Un oublié, Charles Thirria (1796-1868)

Les historiens – ainsi Alain Corbin, dans Le monde retrouvé de Louis-François Pinagot – Sur les traces d’un inconnu, 1798-1876 (Flammarion, 1998), ou Arlette Farge, dans Vies oubliées. Au cœur du XVIIIe siècle (La Découverte, 2019) – parviennent à saisir dans la poussière des archives le murmure des vies ordinaires, des personnes invisibles qui jamais ne se sont hissées aux créneaux de la notoriété. Inversement peuvent s’effacer, en quelques décennies, les traces d’hommes et de femmes qui furent illustres en leur temps. Les descendants ne se manifestent plus, les tombes abandonnées dans les cimetières sont relevées, quelques restes sont peut-être déposés dans la fosse commune…

Le personnage célèbre a pu aussi changer de lieux.
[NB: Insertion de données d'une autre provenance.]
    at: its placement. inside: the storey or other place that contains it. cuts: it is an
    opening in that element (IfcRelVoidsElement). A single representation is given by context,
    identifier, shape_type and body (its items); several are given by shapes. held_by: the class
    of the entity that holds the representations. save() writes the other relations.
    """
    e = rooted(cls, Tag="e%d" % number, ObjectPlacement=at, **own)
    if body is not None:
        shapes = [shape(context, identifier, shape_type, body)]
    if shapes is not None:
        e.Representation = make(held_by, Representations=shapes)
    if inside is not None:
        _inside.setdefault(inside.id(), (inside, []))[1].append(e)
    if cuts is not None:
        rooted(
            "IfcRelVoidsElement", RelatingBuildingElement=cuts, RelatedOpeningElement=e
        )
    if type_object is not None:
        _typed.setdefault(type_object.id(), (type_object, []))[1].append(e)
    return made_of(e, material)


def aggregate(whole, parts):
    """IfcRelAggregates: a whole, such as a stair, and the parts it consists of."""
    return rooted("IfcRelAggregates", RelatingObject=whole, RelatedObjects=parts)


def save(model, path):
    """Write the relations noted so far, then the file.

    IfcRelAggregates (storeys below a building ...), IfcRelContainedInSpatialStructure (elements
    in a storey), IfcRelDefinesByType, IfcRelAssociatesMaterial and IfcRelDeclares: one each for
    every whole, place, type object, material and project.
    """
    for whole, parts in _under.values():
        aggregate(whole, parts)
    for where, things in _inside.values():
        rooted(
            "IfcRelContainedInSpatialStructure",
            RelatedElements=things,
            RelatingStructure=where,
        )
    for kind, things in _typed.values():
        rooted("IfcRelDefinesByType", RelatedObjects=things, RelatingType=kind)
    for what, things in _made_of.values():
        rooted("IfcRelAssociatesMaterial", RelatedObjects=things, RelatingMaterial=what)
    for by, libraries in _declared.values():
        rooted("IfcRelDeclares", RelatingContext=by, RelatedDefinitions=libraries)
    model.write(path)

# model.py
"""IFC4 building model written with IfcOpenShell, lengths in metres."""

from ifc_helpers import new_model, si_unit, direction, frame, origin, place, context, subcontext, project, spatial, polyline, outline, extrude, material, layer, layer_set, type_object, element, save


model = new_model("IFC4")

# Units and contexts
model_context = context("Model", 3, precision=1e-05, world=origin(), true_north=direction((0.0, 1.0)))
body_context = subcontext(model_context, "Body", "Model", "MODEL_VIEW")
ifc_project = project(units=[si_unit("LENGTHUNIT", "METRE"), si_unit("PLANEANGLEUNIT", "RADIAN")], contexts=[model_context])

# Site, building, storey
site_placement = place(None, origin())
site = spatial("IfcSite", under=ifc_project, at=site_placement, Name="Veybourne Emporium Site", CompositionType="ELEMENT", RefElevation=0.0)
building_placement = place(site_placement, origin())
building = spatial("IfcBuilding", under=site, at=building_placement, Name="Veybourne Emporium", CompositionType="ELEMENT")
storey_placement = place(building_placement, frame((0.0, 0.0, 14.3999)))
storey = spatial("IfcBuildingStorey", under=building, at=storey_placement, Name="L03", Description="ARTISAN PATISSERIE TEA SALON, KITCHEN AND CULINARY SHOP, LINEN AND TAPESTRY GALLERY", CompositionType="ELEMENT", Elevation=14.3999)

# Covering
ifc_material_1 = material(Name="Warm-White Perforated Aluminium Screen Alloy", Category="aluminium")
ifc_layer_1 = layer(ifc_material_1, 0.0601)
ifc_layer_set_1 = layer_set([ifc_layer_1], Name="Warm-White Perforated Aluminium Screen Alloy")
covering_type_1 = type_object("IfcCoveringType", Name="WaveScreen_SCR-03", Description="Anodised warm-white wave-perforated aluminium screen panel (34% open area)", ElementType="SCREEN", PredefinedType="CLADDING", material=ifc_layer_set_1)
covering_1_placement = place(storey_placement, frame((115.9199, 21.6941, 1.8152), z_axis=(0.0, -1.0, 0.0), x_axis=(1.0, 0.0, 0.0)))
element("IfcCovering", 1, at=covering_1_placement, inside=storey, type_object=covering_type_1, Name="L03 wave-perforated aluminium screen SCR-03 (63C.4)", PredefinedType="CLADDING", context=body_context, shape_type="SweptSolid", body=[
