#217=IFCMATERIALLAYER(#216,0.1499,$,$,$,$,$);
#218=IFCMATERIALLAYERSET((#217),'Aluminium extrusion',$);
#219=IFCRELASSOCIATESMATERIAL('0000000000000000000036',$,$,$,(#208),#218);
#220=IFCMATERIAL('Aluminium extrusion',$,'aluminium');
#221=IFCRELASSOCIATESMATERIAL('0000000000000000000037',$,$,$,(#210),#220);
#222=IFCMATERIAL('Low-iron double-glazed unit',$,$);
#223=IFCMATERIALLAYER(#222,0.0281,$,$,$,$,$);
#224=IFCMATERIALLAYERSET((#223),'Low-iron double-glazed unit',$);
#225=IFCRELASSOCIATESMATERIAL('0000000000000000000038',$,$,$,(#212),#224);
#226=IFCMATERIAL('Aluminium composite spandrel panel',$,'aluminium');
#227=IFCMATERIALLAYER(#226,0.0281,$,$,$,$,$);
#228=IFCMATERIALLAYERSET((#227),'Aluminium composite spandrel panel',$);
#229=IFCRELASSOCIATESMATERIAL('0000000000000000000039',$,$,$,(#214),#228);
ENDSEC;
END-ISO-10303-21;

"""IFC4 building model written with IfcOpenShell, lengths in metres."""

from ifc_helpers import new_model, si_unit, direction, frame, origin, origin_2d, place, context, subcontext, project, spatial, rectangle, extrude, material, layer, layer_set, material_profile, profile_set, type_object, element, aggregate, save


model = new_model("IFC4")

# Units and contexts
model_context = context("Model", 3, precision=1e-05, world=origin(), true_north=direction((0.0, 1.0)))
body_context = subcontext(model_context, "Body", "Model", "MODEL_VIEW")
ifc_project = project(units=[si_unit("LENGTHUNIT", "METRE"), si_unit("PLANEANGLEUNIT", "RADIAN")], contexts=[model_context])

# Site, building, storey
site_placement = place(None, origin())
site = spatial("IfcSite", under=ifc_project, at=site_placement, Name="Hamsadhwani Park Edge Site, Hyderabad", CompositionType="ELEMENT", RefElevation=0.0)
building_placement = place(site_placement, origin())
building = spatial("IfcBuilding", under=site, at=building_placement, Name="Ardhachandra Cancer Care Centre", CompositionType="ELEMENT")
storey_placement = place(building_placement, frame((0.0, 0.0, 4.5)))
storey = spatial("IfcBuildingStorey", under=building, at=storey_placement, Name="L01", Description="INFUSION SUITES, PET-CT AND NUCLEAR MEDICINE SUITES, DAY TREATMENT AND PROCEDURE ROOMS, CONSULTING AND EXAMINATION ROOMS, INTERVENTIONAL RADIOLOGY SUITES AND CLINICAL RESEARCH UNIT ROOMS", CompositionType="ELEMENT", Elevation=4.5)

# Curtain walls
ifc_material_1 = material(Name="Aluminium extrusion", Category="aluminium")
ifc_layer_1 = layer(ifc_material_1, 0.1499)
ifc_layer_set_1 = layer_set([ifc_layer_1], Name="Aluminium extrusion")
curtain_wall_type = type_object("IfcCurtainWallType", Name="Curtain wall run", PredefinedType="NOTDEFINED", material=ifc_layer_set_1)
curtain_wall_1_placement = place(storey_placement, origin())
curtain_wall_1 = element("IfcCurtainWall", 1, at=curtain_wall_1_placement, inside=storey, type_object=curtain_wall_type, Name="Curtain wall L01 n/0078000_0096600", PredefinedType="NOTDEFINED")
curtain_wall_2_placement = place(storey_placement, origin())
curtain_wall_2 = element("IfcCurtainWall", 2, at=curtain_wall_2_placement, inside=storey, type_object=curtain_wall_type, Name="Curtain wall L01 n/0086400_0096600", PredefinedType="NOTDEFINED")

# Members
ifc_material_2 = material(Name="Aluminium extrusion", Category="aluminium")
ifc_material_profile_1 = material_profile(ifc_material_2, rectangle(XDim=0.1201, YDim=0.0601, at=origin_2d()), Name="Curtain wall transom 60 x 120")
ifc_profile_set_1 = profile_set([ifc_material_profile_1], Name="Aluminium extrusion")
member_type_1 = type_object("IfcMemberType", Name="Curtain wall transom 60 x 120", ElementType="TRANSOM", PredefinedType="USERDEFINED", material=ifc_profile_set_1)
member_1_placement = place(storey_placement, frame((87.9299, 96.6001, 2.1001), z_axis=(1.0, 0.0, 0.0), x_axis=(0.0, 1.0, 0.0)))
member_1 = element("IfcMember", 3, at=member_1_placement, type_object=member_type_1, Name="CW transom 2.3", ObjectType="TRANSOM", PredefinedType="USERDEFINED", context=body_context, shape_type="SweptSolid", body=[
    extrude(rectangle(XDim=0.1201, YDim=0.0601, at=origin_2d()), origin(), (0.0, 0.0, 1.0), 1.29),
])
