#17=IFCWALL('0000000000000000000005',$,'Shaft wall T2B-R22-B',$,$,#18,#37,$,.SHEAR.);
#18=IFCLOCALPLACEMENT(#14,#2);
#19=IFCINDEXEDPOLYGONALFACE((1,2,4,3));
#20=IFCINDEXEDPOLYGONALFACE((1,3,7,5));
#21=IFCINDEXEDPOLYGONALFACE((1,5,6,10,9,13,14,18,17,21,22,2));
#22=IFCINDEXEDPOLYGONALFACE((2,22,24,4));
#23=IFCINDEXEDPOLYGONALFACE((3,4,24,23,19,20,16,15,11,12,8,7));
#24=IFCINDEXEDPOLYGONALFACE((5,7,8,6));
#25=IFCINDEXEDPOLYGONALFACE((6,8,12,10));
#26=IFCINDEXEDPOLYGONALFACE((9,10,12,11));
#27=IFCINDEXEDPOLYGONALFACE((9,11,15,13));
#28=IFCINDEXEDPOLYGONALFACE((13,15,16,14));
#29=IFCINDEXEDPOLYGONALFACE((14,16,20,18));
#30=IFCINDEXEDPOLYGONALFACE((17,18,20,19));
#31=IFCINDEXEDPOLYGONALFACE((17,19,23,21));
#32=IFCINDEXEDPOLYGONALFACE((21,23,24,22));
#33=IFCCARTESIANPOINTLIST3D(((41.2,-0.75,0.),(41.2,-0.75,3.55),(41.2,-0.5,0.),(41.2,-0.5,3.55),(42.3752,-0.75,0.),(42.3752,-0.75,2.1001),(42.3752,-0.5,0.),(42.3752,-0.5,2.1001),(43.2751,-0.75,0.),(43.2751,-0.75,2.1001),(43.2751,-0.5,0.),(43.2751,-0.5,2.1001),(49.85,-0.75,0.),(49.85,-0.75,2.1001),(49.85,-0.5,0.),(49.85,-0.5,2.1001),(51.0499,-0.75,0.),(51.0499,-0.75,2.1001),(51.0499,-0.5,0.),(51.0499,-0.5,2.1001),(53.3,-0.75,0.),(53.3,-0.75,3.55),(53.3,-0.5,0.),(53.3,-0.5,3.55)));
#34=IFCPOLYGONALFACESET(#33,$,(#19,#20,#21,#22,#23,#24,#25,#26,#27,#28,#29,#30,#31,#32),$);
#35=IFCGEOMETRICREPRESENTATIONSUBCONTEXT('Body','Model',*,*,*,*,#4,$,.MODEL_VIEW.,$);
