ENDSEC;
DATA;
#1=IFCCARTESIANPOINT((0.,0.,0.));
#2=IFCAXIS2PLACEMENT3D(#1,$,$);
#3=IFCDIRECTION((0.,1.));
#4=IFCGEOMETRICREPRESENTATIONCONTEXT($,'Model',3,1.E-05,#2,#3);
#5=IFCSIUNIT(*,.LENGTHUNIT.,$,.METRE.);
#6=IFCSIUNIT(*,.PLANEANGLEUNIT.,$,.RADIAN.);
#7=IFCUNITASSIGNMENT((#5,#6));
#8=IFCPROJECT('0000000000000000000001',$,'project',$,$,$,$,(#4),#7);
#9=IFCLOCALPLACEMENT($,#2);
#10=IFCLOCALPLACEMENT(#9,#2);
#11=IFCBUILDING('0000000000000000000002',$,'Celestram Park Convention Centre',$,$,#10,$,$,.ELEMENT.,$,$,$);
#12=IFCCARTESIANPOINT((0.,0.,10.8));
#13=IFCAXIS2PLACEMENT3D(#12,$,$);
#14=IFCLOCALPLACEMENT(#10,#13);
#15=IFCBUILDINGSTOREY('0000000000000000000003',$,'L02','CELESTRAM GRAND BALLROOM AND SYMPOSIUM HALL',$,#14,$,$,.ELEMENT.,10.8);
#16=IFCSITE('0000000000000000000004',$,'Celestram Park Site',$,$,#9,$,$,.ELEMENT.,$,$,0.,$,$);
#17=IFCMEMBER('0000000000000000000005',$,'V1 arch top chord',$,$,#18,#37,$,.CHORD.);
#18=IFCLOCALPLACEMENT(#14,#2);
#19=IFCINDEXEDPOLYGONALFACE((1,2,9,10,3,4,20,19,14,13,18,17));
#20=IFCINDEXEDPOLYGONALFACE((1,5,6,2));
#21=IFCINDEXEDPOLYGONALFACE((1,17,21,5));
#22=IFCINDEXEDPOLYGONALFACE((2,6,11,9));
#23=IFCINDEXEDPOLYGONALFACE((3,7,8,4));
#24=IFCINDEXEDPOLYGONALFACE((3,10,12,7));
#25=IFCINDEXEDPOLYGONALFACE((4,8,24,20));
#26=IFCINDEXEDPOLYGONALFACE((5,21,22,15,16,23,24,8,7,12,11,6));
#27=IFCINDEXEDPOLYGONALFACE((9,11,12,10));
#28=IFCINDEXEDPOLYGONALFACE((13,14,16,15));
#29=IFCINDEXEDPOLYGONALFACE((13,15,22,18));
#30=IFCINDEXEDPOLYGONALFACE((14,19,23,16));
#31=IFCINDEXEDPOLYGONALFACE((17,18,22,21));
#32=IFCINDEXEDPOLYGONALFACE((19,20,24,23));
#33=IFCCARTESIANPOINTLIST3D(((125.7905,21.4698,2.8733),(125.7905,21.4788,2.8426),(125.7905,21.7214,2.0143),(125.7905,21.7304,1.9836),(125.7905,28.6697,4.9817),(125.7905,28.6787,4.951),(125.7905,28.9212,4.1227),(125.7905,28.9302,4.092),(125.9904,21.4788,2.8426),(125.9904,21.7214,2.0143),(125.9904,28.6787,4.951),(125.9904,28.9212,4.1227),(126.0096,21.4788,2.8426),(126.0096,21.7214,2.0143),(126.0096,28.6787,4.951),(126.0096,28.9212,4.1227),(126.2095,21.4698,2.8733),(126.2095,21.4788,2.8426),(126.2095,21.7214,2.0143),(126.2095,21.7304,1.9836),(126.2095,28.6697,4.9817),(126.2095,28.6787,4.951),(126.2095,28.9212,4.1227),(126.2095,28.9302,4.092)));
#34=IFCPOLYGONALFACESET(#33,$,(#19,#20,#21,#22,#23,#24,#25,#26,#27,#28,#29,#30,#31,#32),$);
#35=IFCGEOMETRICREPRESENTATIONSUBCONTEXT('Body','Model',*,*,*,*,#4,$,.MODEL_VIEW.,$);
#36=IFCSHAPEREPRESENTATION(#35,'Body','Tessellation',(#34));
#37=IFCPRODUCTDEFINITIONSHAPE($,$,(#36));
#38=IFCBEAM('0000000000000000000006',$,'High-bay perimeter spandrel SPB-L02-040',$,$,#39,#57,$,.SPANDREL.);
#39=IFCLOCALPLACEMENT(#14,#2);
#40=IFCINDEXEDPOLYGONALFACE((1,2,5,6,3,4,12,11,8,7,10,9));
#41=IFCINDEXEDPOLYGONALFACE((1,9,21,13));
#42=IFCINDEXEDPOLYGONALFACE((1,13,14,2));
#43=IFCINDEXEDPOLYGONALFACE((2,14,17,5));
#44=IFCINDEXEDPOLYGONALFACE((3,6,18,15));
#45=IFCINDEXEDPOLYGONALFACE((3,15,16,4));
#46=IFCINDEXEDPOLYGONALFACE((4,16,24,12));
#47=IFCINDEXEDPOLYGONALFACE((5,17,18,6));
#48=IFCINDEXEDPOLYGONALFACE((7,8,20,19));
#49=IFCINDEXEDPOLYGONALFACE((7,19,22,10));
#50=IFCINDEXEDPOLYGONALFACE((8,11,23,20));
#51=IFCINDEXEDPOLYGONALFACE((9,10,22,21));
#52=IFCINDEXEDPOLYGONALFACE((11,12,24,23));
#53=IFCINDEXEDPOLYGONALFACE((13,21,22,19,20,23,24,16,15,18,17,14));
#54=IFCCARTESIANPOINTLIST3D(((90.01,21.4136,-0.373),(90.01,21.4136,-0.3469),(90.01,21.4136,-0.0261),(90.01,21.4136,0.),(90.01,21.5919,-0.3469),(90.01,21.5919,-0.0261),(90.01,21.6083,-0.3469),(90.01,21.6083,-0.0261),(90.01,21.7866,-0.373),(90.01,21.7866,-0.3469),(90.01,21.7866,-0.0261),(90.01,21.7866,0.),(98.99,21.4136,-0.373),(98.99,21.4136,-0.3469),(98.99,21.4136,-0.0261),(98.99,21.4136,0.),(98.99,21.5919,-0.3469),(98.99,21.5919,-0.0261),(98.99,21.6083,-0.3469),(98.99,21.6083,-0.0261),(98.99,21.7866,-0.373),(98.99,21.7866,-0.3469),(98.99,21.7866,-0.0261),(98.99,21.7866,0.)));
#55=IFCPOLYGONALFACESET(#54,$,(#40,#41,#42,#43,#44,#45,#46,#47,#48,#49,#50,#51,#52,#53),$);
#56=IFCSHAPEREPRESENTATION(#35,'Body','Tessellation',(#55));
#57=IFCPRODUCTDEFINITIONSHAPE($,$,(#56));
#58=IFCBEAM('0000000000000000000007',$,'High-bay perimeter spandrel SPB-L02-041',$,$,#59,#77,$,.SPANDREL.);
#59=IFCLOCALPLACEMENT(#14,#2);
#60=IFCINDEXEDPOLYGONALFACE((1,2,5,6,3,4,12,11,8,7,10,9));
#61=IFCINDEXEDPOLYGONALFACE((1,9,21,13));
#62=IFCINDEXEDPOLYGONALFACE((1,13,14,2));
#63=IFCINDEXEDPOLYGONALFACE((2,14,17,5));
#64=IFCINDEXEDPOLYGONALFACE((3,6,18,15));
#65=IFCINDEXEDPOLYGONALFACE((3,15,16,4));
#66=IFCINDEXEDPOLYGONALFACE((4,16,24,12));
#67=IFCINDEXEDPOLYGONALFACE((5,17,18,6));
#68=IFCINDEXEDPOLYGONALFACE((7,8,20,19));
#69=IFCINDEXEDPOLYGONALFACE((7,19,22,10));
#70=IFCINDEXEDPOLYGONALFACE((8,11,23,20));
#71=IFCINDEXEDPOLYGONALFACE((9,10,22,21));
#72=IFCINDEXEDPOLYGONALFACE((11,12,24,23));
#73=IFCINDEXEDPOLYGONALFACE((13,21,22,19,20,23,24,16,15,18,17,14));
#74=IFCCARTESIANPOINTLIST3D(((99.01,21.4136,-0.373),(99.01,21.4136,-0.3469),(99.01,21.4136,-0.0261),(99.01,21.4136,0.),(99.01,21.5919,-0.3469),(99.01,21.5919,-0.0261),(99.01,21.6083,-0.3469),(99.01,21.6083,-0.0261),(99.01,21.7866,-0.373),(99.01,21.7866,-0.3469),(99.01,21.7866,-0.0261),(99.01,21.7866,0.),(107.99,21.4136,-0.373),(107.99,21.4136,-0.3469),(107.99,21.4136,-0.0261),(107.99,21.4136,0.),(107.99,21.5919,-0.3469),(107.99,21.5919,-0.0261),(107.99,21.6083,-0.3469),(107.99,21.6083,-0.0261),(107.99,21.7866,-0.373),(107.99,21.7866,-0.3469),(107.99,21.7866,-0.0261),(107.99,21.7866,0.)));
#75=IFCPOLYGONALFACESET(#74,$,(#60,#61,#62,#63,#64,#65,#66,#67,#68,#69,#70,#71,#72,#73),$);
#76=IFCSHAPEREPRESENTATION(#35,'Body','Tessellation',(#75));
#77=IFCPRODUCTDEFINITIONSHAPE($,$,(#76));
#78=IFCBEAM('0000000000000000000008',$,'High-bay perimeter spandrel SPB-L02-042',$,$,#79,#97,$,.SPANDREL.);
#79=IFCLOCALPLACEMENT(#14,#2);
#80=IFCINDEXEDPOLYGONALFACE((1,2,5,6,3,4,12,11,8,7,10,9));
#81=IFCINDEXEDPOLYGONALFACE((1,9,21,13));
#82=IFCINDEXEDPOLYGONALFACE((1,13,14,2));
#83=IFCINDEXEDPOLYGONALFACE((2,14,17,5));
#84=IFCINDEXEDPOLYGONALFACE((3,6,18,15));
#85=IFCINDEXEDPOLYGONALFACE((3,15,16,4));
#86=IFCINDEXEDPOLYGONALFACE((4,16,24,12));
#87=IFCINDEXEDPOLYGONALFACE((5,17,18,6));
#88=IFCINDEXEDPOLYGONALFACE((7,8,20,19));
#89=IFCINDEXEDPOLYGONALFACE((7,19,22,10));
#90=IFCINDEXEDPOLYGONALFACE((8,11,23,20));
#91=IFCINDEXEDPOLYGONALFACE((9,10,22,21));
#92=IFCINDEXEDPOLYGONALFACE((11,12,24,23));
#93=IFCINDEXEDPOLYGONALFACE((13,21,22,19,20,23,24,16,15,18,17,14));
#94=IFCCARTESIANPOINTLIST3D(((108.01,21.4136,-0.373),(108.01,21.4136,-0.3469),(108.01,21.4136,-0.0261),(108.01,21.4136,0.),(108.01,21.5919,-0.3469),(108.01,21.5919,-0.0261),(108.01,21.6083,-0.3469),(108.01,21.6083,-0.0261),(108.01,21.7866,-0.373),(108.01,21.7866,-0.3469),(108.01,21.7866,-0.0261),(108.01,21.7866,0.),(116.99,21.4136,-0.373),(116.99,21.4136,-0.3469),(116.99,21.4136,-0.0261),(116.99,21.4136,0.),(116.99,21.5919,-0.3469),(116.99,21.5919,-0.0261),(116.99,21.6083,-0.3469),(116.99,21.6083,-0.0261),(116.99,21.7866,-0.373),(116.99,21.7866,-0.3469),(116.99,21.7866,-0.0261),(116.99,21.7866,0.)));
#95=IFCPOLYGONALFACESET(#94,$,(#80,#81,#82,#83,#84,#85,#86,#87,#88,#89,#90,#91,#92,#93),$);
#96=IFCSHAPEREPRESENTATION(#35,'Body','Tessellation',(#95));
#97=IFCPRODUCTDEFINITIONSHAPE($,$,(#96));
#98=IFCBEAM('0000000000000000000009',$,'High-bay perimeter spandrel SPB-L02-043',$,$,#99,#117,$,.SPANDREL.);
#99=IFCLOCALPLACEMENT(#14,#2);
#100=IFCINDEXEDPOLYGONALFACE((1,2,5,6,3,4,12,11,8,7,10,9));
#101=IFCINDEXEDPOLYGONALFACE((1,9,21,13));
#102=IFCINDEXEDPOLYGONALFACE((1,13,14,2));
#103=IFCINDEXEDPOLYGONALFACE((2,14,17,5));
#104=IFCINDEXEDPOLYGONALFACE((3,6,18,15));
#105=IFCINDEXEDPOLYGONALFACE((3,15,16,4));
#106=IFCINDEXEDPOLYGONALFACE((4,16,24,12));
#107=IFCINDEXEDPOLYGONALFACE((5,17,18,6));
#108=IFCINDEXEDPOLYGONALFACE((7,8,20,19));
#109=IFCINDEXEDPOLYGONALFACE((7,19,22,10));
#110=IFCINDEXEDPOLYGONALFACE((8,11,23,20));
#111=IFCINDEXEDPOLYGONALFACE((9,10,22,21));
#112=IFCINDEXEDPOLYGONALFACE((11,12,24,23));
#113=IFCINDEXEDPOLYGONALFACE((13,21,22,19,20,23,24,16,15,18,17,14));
Le grand ingénieur et mécanicien Benoît Fourneyron (1802-1867), inventeur de la turbine hydraulique, est reconnu dans sa ville natale de Saint-Etienne mais largement ignoré dans le département de la Haute-Saône où il expérimente pour la première fois, en 1827, à Pont-sur-l’Ognon, le moteur hydraulique « à pression universelle et continue ». Tout aussi oublié est Alfred Meugniot (1857–1928), né à Faucogney, qui contribue au début du XXe siècle à la restauration de la carpiculture française ; et personne, dans les festivités du Tour de France, ne s’est rappelé que le docteur Philippe Marre (1907-1980), qui exerçait à Lure dans sa clinique de la place de la Libération, fut un compagnon de Paul de Vivie, dit Vélocio (1853-1930), figure emblématique du cyclotourisme français. Philippe Marre, ami  du cyclotouriste Jacques Faizant, a été aussi rédacteur en chef de la revue de Vélocio, Le Cycliste ( publiée de 1887 à 1974 !).

Le travail de l’historien comporte cette fonction d’exhumation des figures oubliées et nous pouvons saluer les recherches du docteur Larère (il a aussi exercé à Lure) qui a rappelé  récemment à l’auditoire de la SALSA le parcours de Charles-Édouard Thirria (1796-1868), ingénieur des mines de la Haute-Saône, président de la SALSA en 1840, qui publia une œuvre imposante sur la Haute-Saône du XIXe siècle, aujourd’hui source documentaire essentielle. On pourra se reporter à la notice biographique et bibliographique établie par Claude-Isabelle Brelot, sur le site du Comité des travaux historiques et scientifiques. En ligne également le Manuel à l’usage de l’habitant du département de la Haute-Saône (1869 – 1003 pages)…

Charles-Édouard Thirria a bien été inhumé à Vesoul, mais de tombe plus aucune trace ; « aucun descendant ne s’est manifesté en 1963, lors du relèvement des tombes abandonnées», explique Jean-Claude Larère qui a entrepris des démarches fructueuses auprès de la municipalité de Vesoul. Le nouvel espace funéraire, qui jouxte le cimetière de la ville, s’appellera : Espace cinéraire Charles Thirria. Une plaque commémorative y sera inaugurée le samedi 24 octobre 2020, à 11 heures.